Belki de evrim sürecinde tüm canlılarda ortak kalan tek içgüdü budur. Kendisini tüketen, yavaş yavaş öldüren şeylere bağımlı olma eğilimi. Bizde de var bu alışkanlık. Canımız sıkıldığında bir sigara yakarak yahut bir kadeh içerek, kendimizi ölüme bir adım daha yaklaştırarak rahatlıyoruz. Klasik bağımlılıkları geçtim, vücudumuza giren besinlerin bile en zararlıları hep en çekici olanları oluyor. Ciğerlerimizi eskiten oksijen, hücreleri yaşlandıran güneş ışığı, en çok ihtiyacımız olduğunu düşündüğümüz şeyler bile bizleri yavaş yavaş öldürüyor.


Son evre olarak da duygular var. Bağımlı olduğumuz her bir çağrışım, aslında canımızı en çok yakanlar. İnsanların aşk diyerek tutundukları hal ve bunu tekrar tekrar yaşamak istemeleri... Depresyon: İnsanın çok zor kopacağı, kendisine yaptığı bir işkence... En acı anılarımızı asla unutamayız, hatta onları hatırlatacak nesneleri çoğu zaman saklarız. Çünkü istemli ya da istemsiz, o acının bağımlısıyız.


Lambaya çarpan güvelerden hiç de farklı değilsin.

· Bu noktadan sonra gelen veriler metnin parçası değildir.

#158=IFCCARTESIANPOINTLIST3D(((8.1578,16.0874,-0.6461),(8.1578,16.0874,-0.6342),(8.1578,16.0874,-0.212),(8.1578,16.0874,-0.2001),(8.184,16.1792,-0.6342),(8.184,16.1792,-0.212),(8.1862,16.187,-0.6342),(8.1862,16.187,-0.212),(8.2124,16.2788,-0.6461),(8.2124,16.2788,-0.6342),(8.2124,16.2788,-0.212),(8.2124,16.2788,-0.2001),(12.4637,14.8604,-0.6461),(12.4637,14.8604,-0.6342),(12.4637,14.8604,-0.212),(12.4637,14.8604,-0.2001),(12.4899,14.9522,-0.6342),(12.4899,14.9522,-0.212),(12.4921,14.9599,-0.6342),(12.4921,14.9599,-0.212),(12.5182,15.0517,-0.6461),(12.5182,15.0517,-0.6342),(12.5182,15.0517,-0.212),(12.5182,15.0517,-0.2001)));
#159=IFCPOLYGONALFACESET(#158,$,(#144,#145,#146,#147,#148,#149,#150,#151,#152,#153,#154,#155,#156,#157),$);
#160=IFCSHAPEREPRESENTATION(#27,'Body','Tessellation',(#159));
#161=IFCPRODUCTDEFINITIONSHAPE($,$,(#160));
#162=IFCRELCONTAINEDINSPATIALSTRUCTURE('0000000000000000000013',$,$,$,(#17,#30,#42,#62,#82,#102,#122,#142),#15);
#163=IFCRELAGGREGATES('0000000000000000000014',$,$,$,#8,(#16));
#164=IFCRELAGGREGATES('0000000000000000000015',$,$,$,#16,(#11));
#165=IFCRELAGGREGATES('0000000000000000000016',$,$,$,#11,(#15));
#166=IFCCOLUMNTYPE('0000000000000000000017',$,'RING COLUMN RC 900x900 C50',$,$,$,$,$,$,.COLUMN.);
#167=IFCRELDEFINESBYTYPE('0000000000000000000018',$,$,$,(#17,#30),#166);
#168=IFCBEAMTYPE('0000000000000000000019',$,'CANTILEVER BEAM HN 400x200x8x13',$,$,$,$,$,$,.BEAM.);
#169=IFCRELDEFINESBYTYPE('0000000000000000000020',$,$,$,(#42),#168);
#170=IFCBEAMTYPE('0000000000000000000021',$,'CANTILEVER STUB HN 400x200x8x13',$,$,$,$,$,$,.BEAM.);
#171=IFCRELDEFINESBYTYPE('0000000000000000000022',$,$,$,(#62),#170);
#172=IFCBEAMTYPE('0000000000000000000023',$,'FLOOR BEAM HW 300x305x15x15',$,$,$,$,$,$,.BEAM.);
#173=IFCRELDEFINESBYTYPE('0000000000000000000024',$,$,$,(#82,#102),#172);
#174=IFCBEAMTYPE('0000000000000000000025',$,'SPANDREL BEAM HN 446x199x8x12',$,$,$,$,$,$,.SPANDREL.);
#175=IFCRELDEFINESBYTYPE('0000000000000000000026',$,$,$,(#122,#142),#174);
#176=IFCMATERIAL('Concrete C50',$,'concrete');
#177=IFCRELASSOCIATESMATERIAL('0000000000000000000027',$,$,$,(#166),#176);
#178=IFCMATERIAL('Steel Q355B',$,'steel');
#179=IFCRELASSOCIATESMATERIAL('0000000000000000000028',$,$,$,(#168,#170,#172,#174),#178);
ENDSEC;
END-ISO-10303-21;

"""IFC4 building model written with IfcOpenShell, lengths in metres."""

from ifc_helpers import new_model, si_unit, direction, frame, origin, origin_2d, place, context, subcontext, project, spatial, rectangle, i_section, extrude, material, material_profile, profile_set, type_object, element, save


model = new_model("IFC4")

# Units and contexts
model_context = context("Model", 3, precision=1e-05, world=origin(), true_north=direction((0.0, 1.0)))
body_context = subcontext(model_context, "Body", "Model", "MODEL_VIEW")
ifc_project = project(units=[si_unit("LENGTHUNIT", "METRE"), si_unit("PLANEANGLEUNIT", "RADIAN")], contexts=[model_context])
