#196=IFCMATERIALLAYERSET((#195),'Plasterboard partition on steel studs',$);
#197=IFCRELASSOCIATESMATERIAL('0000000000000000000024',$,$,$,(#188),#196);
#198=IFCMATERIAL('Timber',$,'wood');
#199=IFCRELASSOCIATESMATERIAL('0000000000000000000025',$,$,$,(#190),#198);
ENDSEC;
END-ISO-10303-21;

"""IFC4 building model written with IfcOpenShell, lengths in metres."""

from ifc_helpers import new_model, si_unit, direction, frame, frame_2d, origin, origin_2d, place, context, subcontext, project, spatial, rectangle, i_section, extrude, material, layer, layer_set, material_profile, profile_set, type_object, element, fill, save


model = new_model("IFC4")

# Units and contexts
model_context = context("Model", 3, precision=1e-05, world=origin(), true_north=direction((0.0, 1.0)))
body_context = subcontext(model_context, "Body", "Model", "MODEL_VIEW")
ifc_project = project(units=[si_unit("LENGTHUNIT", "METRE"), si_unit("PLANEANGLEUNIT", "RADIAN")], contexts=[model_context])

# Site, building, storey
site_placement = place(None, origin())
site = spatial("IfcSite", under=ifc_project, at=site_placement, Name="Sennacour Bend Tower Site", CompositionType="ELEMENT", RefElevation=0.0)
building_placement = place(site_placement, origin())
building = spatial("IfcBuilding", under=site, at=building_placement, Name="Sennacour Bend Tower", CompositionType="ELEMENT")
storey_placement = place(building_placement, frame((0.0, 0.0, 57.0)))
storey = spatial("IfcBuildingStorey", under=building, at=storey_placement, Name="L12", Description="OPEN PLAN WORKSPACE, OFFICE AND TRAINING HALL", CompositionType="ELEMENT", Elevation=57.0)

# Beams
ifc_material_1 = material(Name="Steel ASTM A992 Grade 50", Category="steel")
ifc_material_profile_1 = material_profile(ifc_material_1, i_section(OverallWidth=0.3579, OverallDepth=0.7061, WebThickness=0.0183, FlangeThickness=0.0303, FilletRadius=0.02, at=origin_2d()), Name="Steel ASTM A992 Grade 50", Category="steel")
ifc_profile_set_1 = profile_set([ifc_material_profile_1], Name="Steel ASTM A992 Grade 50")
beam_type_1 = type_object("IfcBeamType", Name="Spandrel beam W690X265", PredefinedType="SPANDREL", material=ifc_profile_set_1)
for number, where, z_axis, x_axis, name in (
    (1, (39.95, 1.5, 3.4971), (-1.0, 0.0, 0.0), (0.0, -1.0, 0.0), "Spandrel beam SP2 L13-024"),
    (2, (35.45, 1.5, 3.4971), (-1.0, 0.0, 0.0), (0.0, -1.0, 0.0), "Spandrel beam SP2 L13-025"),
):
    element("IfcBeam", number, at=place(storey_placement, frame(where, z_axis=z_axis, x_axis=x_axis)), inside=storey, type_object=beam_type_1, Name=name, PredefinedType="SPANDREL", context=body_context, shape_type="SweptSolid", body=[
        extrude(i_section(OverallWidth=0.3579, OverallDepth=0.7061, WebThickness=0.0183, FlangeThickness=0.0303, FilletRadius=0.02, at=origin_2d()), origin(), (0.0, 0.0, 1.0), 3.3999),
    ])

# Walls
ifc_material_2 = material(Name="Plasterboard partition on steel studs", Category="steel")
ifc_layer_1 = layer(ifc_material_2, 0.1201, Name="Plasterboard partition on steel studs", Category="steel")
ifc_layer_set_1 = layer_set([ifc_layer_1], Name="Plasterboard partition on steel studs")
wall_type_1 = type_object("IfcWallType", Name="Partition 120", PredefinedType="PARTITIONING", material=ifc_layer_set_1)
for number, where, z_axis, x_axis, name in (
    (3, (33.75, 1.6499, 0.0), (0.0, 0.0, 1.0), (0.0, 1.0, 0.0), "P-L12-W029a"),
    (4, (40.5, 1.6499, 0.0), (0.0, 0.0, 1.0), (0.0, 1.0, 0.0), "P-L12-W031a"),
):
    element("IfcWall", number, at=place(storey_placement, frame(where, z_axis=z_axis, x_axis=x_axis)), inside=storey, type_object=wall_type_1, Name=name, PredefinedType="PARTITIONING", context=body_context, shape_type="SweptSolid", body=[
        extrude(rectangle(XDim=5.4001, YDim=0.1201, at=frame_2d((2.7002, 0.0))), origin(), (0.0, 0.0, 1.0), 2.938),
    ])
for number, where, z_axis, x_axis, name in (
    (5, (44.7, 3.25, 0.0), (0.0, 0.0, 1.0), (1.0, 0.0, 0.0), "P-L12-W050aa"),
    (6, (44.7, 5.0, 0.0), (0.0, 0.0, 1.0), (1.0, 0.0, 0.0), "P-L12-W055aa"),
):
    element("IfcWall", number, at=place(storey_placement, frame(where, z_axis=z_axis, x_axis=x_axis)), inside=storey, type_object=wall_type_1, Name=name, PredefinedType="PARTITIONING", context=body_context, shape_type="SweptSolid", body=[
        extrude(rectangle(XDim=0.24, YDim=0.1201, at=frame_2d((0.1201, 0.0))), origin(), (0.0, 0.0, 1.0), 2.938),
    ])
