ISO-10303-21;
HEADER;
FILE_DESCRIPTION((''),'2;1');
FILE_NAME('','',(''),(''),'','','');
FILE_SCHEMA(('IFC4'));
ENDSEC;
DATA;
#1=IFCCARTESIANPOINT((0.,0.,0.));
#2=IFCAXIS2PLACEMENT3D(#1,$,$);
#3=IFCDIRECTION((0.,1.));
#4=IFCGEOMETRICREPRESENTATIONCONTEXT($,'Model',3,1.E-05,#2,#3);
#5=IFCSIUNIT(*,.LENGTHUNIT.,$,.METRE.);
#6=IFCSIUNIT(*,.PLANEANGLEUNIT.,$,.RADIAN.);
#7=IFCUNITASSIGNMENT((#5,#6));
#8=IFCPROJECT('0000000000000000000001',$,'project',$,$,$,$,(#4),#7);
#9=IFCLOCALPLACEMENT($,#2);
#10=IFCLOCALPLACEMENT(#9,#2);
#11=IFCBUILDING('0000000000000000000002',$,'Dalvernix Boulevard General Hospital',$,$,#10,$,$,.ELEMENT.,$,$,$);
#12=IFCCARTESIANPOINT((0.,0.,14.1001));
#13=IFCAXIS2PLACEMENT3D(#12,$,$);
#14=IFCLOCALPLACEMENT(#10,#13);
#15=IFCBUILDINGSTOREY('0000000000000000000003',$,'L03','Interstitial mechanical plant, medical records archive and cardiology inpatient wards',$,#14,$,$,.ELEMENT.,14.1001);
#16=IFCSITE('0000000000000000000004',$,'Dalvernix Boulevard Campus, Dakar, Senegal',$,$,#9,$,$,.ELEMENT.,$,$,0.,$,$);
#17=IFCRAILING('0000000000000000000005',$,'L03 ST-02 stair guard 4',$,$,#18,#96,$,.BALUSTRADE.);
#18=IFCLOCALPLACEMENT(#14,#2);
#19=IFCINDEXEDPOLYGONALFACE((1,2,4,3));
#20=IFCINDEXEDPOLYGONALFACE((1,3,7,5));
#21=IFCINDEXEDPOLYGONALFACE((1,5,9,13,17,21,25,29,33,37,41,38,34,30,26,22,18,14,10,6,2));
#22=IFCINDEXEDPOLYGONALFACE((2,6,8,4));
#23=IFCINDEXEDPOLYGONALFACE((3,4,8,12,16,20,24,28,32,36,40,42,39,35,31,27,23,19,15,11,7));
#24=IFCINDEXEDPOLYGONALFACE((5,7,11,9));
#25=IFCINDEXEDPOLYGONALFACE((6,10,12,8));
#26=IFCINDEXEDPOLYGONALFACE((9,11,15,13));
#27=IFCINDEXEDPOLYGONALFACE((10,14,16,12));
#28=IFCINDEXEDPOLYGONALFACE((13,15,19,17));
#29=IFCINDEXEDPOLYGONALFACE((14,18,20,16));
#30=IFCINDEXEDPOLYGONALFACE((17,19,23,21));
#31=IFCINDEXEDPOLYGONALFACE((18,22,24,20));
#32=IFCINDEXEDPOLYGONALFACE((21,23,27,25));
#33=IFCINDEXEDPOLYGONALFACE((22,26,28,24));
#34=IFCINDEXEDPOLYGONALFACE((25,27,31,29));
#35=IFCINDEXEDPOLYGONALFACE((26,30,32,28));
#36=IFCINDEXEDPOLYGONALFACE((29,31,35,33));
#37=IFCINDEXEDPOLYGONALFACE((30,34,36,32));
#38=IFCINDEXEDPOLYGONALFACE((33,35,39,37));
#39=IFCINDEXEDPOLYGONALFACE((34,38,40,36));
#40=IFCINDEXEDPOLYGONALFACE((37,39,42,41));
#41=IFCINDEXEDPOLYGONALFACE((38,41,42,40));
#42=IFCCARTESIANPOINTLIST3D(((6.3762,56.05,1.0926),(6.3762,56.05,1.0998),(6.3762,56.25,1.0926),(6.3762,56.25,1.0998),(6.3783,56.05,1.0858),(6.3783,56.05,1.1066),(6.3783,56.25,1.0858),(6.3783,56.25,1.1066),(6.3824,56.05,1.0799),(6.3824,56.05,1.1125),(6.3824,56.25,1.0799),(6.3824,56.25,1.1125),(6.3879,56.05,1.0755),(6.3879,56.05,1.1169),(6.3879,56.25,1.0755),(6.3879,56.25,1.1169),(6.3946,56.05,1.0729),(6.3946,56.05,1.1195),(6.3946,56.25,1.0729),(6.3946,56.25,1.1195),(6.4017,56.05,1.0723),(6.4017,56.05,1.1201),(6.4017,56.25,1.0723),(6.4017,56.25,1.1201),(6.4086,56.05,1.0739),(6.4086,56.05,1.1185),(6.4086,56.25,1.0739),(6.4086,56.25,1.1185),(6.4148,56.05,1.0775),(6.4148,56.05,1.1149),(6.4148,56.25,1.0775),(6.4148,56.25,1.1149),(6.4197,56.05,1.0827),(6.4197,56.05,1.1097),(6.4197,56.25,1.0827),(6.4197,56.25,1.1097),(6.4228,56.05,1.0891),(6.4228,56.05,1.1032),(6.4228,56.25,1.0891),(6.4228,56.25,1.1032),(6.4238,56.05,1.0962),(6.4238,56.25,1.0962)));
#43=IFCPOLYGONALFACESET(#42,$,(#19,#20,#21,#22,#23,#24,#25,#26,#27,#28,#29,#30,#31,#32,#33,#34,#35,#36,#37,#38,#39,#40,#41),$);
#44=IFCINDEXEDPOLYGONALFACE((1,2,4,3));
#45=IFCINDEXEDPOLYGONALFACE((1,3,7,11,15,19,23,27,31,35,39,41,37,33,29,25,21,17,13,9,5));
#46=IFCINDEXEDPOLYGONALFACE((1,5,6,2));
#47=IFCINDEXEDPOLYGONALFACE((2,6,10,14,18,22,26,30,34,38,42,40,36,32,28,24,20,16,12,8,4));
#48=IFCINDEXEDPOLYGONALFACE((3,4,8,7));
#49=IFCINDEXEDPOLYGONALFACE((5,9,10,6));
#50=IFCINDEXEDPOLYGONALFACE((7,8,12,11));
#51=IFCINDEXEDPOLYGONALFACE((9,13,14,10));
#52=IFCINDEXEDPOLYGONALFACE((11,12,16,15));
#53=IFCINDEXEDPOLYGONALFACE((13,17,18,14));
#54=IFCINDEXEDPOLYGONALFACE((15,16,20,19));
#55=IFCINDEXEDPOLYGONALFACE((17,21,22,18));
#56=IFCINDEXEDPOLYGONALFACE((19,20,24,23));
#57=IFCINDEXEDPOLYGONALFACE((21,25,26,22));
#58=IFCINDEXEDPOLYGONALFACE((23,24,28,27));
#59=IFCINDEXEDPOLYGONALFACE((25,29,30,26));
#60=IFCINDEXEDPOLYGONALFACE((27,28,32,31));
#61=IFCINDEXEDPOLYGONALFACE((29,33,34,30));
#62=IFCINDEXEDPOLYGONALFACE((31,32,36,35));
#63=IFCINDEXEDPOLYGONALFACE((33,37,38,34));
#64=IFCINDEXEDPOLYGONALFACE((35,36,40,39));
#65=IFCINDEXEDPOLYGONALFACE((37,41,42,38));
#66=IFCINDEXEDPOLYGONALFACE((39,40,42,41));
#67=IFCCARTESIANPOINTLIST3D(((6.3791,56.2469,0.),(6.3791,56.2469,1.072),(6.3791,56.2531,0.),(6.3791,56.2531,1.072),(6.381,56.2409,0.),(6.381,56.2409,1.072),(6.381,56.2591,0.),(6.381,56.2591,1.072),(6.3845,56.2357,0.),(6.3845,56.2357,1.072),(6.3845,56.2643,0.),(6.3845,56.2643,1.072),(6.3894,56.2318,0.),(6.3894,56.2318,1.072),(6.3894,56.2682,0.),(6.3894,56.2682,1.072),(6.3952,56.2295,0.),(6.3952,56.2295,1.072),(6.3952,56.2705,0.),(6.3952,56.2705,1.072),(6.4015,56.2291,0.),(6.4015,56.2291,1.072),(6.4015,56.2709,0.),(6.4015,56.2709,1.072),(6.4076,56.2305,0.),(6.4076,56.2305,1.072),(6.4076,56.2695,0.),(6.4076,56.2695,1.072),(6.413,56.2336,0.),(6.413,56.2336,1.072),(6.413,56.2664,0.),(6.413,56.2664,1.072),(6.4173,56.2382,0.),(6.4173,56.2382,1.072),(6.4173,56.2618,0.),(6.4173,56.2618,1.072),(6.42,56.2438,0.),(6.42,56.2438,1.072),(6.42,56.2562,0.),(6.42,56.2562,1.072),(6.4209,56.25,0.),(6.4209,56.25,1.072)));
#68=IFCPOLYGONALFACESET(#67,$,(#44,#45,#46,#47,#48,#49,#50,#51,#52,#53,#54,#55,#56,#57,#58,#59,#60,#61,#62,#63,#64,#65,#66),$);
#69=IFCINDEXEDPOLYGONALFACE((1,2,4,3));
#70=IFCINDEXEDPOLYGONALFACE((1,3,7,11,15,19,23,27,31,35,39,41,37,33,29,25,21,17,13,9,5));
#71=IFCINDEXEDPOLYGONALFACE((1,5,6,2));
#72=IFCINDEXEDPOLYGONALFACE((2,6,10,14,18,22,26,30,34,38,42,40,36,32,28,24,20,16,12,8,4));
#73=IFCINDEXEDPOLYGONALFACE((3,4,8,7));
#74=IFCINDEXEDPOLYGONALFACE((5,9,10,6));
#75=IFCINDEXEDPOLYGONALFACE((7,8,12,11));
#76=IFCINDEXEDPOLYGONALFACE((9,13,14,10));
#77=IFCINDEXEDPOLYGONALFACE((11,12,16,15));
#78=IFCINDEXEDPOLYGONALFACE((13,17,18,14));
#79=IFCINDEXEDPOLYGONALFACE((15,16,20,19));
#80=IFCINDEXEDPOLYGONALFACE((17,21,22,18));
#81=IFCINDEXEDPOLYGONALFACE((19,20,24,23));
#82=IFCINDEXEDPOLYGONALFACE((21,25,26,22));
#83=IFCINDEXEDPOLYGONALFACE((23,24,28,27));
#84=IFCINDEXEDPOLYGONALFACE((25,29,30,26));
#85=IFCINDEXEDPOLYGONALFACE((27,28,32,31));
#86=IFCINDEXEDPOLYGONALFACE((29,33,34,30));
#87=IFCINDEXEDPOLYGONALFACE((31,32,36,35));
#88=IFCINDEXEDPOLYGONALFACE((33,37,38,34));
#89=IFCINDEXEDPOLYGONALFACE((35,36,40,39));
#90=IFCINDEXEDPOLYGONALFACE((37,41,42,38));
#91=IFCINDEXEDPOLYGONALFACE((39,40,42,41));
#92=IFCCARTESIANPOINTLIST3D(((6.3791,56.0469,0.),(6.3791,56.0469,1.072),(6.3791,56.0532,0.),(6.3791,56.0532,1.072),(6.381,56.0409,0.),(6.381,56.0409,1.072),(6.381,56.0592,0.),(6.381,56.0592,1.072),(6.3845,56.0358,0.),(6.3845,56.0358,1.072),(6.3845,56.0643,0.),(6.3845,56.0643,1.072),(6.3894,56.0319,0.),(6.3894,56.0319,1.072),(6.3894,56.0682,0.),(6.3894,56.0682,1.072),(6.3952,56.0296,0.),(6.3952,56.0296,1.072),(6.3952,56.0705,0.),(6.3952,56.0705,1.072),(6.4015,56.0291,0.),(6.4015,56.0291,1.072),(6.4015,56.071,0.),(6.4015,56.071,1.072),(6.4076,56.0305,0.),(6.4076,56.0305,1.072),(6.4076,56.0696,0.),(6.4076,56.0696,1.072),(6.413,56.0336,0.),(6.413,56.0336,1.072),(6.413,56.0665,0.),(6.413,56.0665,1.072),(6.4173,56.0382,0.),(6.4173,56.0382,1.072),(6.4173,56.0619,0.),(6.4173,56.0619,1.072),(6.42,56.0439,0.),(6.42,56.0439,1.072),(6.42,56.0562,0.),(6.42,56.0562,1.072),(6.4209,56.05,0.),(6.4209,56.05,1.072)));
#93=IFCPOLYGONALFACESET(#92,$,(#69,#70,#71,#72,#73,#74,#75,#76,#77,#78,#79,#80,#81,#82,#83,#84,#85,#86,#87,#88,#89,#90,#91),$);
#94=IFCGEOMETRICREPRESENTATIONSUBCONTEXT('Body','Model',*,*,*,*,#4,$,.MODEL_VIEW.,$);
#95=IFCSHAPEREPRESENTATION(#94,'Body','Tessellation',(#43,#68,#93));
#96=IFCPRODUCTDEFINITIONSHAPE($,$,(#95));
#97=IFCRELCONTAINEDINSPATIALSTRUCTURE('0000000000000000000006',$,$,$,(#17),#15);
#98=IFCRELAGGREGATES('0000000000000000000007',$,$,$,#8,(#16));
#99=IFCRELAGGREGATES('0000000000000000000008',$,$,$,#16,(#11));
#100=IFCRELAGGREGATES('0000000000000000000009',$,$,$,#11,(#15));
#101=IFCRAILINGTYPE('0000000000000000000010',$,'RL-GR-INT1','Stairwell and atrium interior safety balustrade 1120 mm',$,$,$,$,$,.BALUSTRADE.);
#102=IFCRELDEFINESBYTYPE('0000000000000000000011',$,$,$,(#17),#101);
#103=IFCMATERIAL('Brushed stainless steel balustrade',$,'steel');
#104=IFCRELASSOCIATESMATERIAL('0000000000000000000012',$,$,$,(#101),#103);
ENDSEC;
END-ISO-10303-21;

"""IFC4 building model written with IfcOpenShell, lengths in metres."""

from ifc_helpers import new_model, si_unit, direction, frame, origin, origin_2d, place, context, subcontext, project, spatial, circle, extrude, material, type_object, element, save


model = new_model("IFC4")

# Units and contexts
model_context = context("Model", 3, precision=1e-05, world=origin(), true_north=direction((0.0, 1.0)))
body_context = subcontext(model_context, "Body", "Model", "MODEL_VIEW")
ifc_project = project(units=[si_unit("LENGTHUNIT", "METRE"), si_unit("PLANEANGLEUNIT", "RADIAN")], contexts=[model_context])

# Site, building, storey
site_placement = place(None, origin())
site = spatial("IfcSite", under=ifc_project, at=site_placement, Name="Dalvernix Boulevard Campus, Dakar, Senegal", CompositionType="ELEMENT", RefElevation=0.0)
building_placement = place(site_placement, origin())
building = spatial("IfcBuilding", under=site, at=building_placement, Name="Dalvernix Boulevard General Hospital", CompositionType="ELEMENT")
storey_placement = place(building_placement, frame((0.0, 0.0, 14.1001)))
storey = spatial("IfcBuildingStorey", under=building, at=storey_placement, Name="L03", Description="Interstitial mechanical plant, medical records archive and cardiology inpatient wards", CompositionType="ELEMENT", Elevation=14.1001)

# Railing
ifc_material_1 = material(Name="Brushed stainless steel balustrade", Category="steel")
railing_type_1 = type_object("IfcRailingType", Name="RL-GR-INT1", Description="Stairwell and atrium interior safety balustrade 1120 mm", PredefinedType="BALUSTRADE", material=ifc_material_1)
railing_1_placement = place(storey_placement, frame((6.3999, 56.25, 0.0)))
element("IfcRailing", 1, at=railing_1_placement, inside=storey, type_object=railing_type_1, Name="L03 ST-02 stair guard 4", PredefinedType="BALUSTRADE", context=body_context, shape_type="SweptSolid", body=[
    extrude(circle(Radius=0.0239, at=origin_2d()), frame((0.0, 0.0, 1.0962), z_axis=(0.0, -1.0, 0.0), x_axis=(1.0, 0.0, 0.0)), (0.0, 0.0, 1.0), 0.2),
    extrude(circle(Radius=0.021, at=origin_2d()), origin(), (0.0, 0.0, 1.0), 1.072),
    extrude(circle(Radius=0.021, at=origin_2d()), frame((0.0, -0.2, 0.0)), (0.0, 0.0, 1.0), 1.072),
])

save(model, "model.ifc")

Ben de değilim. Bazen düşünüyorum, böyle konulara kafa yormak karakterim olmuş. Aklıma başkalarının can sıkıcı dediği fikirler gelmezse eksik kalırım sanki. Hayatta düşünecek çok daha keyifli meseleler varken zihnini ve de vaktini böyle doldurmayı seçmek, kendini yavaş yavaş tüketmek; enayilik gibi değil mi? Niye o zaman? Sonuçta herkesin daha çok seveceği, hayat dolu, yaşamaktan keyif alan birisi olmayı kim istemez ki?


Belki de ben istemem.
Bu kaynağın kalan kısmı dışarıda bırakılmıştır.